第二百五十九(1/2)
苏云照再次醒来,已是三天后。
她睁开眼时,入目是一片片青瓦,窗外透进来的光有些刺眼。她下意识想抬手挡一挡,却发现手臂沉重得像灌了铅。
“小姐!”
百锦的脸凑了过来,眼眶红肿,不知道是哭过多少回。
苏云照看着她,张了张嘴,喉咙干涩得发不出声音。
石琪连忙端过温水,小心翼翼地将她扶起来,一点一点喂给她喝。
温热的水滑过喉咙,苏云照终于能开口了。
“我睡了多久?”
“三天了。”百锦说着,眼泪掉下来,“小姐,您吓死奴婢了……”
三天。
苏云照闭了闭眼。
这三天里,她做了很长很长的梦。
梦见她还在侯府,春日里海棠花开得正好,雨淮在亭中看书,她和百锦她们在园里放风筝,母亲在一旁笑着,时不时叫她们跑慢些。
醒来,梦终究还是碎了。
她睁开眼,眼底一片清明。
“山上的那位先生,可曾来过?”
百锦愣了一下,连忙点头:“来过的。
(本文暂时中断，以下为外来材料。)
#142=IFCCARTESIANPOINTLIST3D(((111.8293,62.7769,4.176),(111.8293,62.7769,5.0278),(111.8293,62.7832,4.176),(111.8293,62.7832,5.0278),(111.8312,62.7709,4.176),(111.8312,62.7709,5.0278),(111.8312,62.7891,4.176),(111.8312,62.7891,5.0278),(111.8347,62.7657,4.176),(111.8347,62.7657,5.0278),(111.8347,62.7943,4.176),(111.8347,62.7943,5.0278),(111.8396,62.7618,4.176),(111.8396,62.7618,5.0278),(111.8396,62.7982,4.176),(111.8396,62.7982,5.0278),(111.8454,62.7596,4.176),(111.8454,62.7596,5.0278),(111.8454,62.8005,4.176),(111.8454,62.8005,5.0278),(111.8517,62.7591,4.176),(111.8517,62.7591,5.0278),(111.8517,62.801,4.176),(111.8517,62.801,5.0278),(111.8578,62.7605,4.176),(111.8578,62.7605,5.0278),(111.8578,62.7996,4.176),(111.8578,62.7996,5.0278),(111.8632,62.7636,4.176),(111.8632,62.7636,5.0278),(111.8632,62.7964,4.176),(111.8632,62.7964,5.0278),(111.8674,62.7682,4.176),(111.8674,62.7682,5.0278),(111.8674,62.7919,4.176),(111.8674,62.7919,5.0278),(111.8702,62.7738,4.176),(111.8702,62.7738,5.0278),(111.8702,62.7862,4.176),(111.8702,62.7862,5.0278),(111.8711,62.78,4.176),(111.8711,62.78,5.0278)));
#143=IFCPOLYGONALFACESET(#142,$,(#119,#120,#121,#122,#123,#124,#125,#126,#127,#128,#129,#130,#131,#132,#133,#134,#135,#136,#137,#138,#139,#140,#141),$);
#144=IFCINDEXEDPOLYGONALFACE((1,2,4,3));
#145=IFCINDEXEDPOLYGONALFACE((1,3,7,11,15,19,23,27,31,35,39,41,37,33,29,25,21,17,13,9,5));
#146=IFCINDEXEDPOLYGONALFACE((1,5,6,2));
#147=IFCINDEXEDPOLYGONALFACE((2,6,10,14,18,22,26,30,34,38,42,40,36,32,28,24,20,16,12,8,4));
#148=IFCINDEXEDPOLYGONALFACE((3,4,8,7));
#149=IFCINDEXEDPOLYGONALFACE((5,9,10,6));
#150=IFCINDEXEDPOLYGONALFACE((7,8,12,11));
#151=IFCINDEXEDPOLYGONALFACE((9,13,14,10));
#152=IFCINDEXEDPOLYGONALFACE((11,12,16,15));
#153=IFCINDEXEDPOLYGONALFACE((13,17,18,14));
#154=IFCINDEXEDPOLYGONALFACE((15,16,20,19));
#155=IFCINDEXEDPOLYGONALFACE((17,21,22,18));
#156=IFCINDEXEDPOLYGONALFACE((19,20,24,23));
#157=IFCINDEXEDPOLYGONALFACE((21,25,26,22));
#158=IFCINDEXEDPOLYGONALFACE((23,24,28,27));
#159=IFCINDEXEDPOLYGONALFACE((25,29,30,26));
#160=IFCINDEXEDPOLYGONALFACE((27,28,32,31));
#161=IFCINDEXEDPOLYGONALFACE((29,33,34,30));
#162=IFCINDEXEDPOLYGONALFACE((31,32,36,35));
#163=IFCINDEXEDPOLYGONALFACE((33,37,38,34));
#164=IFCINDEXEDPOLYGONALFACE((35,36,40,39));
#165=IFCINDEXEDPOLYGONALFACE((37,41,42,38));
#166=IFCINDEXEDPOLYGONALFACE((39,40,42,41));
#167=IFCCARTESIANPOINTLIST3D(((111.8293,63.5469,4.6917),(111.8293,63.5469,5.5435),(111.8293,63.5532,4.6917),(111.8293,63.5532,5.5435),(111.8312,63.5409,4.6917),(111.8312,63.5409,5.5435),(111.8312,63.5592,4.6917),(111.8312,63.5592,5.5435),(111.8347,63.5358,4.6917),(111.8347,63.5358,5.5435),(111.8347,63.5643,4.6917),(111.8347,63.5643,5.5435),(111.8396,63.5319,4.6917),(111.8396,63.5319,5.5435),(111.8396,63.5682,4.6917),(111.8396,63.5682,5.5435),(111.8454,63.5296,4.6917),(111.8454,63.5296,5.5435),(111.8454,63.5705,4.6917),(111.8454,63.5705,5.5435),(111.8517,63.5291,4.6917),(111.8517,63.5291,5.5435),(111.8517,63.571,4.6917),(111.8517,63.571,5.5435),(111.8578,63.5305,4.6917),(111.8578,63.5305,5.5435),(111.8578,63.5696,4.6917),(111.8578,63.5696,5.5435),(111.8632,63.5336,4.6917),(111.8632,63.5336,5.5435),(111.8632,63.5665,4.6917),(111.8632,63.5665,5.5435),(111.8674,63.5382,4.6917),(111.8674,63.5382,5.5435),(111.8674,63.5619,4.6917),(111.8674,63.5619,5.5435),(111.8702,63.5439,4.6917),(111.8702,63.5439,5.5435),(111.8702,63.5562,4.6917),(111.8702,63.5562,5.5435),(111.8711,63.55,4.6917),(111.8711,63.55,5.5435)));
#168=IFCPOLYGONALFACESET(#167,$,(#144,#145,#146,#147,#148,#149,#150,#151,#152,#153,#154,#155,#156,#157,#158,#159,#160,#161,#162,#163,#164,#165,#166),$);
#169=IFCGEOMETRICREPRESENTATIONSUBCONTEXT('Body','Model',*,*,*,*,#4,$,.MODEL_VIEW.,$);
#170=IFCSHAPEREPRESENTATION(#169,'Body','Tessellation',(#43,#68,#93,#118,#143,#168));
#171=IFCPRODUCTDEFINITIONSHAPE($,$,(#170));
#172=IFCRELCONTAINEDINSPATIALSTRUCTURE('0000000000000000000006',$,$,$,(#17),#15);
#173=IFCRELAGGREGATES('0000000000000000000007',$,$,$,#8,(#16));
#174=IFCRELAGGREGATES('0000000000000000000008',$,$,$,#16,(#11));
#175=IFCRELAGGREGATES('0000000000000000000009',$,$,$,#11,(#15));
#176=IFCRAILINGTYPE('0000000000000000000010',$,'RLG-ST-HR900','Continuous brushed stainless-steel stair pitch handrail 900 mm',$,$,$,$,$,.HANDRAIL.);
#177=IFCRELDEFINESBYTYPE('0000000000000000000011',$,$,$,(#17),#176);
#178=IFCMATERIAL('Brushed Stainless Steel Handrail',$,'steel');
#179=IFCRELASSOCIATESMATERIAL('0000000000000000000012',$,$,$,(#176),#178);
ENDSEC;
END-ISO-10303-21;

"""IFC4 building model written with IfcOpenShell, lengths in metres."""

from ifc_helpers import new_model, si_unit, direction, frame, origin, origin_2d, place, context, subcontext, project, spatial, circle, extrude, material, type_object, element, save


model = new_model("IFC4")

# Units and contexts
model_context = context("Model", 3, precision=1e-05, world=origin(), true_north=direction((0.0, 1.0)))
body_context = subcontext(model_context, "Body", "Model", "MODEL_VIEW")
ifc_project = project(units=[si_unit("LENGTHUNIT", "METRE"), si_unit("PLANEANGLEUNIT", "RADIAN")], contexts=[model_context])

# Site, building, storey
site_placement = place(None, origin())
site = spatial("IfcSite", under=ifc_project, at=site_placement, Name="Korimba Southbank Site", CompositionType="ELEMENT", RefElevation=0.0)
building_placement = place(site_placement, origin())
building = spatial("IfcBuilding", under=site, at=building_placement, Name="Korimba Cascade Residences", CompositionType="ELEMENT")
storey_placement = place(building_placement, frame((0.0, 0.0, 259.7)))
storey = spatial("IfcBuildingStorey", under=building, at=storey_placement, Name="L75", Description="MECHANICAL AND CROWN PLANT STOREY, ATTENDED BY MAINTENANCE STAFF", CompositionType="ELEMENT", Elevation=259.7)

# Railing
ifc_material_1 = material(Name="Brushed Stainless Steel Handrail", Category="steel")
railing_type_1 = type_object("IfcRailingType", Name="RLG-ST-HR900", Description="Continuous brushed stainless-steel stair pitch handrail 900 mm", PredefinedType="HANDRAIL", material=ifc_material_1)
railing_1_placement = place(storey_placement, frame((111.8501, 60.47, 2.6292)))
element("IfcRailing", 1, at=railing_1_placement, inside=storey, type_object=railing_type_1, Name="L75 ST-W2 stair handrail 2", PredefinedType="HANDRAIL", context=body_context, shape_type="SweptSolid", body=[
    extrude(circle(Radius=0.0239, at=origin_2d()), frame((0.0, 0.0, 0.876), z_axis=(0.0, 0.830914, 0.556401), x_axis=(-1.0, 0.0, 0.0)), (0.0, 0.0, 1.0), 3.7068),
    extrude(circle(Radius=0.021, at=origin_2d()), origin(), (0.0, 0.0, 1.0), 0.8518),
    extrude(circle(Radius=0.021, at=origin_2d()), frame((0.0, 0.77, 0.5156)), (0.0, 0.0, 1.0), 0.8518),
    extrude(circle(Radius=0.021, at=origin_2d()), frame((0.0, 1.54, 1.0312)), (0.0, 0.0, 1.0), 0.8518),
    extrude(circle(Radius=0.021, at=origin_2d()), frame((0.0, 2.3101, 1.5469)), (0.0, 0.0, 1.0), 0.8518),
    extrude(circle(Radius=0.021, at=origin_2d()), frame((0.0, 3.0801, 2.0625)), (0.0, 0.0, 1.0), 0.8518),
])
小姐昏过去那天傍晚他就到了,给小姐把了脉,说是急火攻心,加上这些时日劳累,胎像有些不稳。他留了药,又待了两日,昨日才回的山上。”
“他说什么没有?”
“他说……”百锦想了想,“他说等小姐醒了,派人去山上知会他一声,他再下来。他还说,先帝留下的东西,他会亲自交给小姐。”
苏云照点了点头。
“行书他们呢?”
“在外头守着。”百锦道,“这三天他们轮流守着,一步都没敢离开。”
苏云照撑着身子想坐起来,百锦连忙去扶。
“小姐,您再躺躺吧,大夫说您得好生养着……”
“躺够了。”苏云照打断她,声音不大,却不容置疑,“让行书进来,我有话问他。”
百锦看着她,嘴唇动了动,终究没再劝,转身出去了。
不多时,行书掀帘进来,见她已经坐起身,眼眶微微泛红,却还是稳稳地行了一礼。
“娘娘。”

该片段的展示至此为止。